A telephone-based Interactive Voice Response System (IVRS) is similar to customer care menus frequently used in industries like retail and banking, and feature automated calls and allow patients to record responses using a touch-tone keypad. An IVRS is extremely customizable on the back-end, and they are also easy for most patients to navigate.
Further, according to Perspectives in Clinical Research, these systems are easy to deploy and scale, which is beneficial in trials with a large number of participants or when multiple trials are being conducted simultaneously.
Another style of ePRO involves some type of electronic device, such as a smartphone, tablet, computer, or even a wearable medical device. Patients access software on the device that presents them with questions; they select their answers, which are digitally recorded. These types of ePROs can either be used in the patient’s home as an electronic diary for more timely data collection or in a supervised clinical setting.
Originally, screen-based ePRO data capture was done on personal digital assistants that stored the data on the device until it could be uploaded to a central server. However, the major downsides of this strategy are the cost of supplying devices to all participants and training individuals on how to properly use the technology.
Today, the more common option is web- and app-based ePRO solutions, many of which can be installed onto the patient’s own electronic devices—a practice referred to as Bring-Your-Own-Device (BYOD), according to research in Patients. Given the prominence of smartphones and tablets, this option is convenient and cost-efficient, and it typically requires less coaching, as individuals are already familiar with the device.
However, BYOD programs still have a few disadvantages, including:
In recent years, the use of SMS text solutions in collecting ePROs has increased dramatically. It’s a trend that seems likely to continue, given the ubiquitous nature of cell phones and texting around the world, as evidenced by these statistics:
ePROs gather a whole range of measurements that cover a patient’s health status in terms of their physical and mental status as well as their social well-being. There is increasing recognition of the role that non-clinical factors, such as those that can be identified via ePROs, play in a patient’s overall health. A recent Kaiser Family Foundation report detailed how 60 percent of the factors that impact overall health were social and environmental in origin, while only 10 percent could be attributed to clinical care (the other 30 percent were genetic in nature). The ability to identify a wide range of issues that are ultimately clinically meaningful increases the ability of providers to address those issues and work proactively to preserve patient health.

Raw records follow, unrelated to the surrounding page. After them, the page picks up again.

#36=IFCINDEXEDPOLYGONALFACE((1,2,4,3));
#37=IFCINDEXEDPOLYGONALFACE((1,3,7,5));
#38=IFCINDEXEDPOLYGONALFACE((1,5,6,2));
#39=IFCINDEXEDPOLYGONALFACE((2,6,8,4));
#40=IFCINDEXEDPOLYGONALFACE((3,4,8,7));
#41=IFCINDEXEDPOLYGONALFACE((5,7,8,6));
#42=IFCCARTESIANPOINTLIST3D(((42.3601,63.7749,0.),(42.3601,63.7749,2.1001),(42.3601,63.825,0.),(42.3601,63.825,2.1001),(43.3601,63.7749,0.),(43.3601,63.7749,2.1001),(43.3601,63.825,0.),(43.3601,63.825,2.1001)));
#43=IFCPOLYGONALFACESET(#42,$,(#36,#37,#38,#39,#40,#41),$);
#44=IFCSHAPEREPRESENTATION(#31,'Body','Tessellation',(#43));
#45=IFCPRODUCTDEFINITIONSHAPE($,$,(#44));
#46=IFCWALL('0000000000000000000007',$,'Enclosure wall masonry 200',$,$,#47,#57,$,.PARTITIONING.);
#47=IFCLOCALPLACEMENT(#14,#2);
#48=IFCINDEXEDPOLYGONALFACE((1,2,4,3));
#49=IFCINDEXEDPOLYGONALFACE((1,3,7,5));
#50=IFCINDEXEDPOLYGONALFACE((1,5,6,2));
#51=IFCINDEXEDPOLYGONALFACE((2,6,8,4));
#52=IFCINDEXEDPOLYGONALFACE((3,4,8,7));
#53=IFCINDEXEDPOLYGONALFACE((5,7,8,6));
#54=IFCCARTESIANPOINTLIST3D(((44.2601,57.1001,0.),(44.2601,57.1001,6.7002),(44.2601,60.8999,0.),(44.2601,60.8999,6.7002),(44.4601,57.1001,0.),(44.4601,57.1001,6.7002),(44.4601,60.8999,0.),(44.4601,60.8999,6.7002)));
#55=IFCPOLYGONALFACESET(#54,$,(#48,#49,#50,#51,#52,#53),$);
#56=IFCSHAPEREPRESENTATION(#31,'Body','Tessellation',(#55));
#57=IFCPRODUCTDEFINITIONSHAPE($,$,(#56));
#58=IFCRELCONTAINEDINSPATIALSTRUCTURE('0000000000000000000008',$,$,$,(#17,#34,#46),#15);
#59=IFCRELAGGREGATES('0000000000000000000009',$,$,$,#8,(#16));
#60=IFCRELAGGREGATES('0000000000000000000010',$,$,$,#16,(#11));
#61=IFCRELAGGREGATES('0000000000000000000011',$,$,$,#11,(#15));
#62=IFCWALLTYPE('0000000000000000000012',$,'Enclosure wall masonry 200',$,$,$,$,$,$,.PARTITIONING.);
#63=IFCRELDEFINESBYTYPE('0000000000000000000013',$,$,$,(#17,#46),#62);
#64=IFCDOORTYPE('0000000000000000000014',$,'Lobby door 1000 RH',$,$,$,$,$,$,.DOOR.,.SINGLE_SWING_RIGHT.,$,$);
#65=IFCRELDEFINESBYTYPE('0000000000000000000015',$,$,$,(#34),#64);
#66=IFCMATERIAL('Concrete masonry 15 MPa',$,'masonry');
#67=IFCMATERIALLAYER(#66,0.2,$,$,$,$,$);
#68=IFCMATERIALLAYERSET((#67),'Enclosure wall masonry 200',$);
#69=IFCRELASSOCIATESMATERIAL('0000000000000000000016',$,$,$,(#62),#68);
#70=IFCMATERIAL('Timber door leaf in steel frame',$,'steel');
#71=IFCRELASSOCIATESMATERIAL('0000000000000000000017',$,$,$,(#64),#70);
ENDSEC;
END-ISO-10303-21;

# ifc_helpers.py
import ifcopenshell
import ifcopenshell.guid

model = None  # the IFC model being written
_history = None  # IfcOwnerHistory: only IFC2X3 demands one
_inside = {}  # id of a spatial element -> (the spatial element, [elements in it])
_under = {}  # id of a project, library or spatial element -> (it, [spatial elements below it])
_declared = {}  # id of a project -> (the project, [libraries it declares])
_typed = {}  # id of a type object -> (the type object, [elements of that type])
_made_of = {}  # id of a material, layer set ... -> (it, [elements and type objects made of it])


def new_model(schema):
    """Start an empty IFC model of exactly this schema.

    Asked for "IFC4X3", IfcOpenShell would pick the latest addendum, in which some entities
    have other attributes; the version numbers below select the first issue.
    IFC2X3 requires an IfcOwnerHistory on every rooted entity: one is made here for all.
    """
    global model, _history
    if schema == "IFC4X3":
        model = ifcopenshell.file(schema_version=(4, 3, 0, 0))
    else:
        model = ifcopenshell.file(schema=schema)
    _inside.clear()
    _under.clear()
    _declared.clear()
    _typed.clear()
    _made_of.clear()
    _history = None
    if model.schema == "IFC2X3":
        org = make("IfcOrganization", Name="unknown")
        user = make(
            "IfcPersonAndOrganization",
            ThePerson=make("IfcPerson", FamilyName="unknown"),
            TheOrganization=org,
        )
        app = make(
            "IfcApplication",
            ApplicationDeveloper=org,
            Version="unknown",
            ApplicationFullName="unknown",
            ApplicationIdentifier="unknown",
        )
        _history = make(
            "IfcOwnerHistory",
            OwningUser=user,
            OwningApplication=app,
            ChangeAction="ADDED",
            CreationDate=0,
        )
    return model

In addition, there is evidence that the real-time nature of ePROs also plays a role in the ability to improve outcomes. In a recent clinical trial, the survival interval of cancer patients who utilized ePROs increased by 5 months, possibly owing to the ability of clinical staff to respond quickly to potential issues and avoid adverse downstream consequences. A recent JAMIA report noted that electronic PROs have also been shown to improve recognition by clinical teams of chemotoxicity, help in comparing treatment decisions for osteoarthritis, and improve management of severe depression.
Electronic data collection is the new norm for data collection in clinical settings, and is increasingly being used as a way to better track and manage patients outside the clinical setting. ePROs have so far been used most extensively in the context of clinical trials, but there is an inexorable move towards ePROS in other arenas. The U.S. Food and Drug Administration recently deployed an app-based data collection system called MyStudies to inform regulatory decision-making. ePROs are also a feature in Oncology Care First, the proposed follow-up to the CMS Oncology Care Model.
Like EHRs, ePROs are only valuable if the data they gather can be turned into action. Regardless, the potential benefits to patients in terms of outcomes and to providers in terms of efficiency and quality of care, along with the drive towards electronic data capture by various government entities, ensure that ePROs will see continued growth as an important component of high-quality care.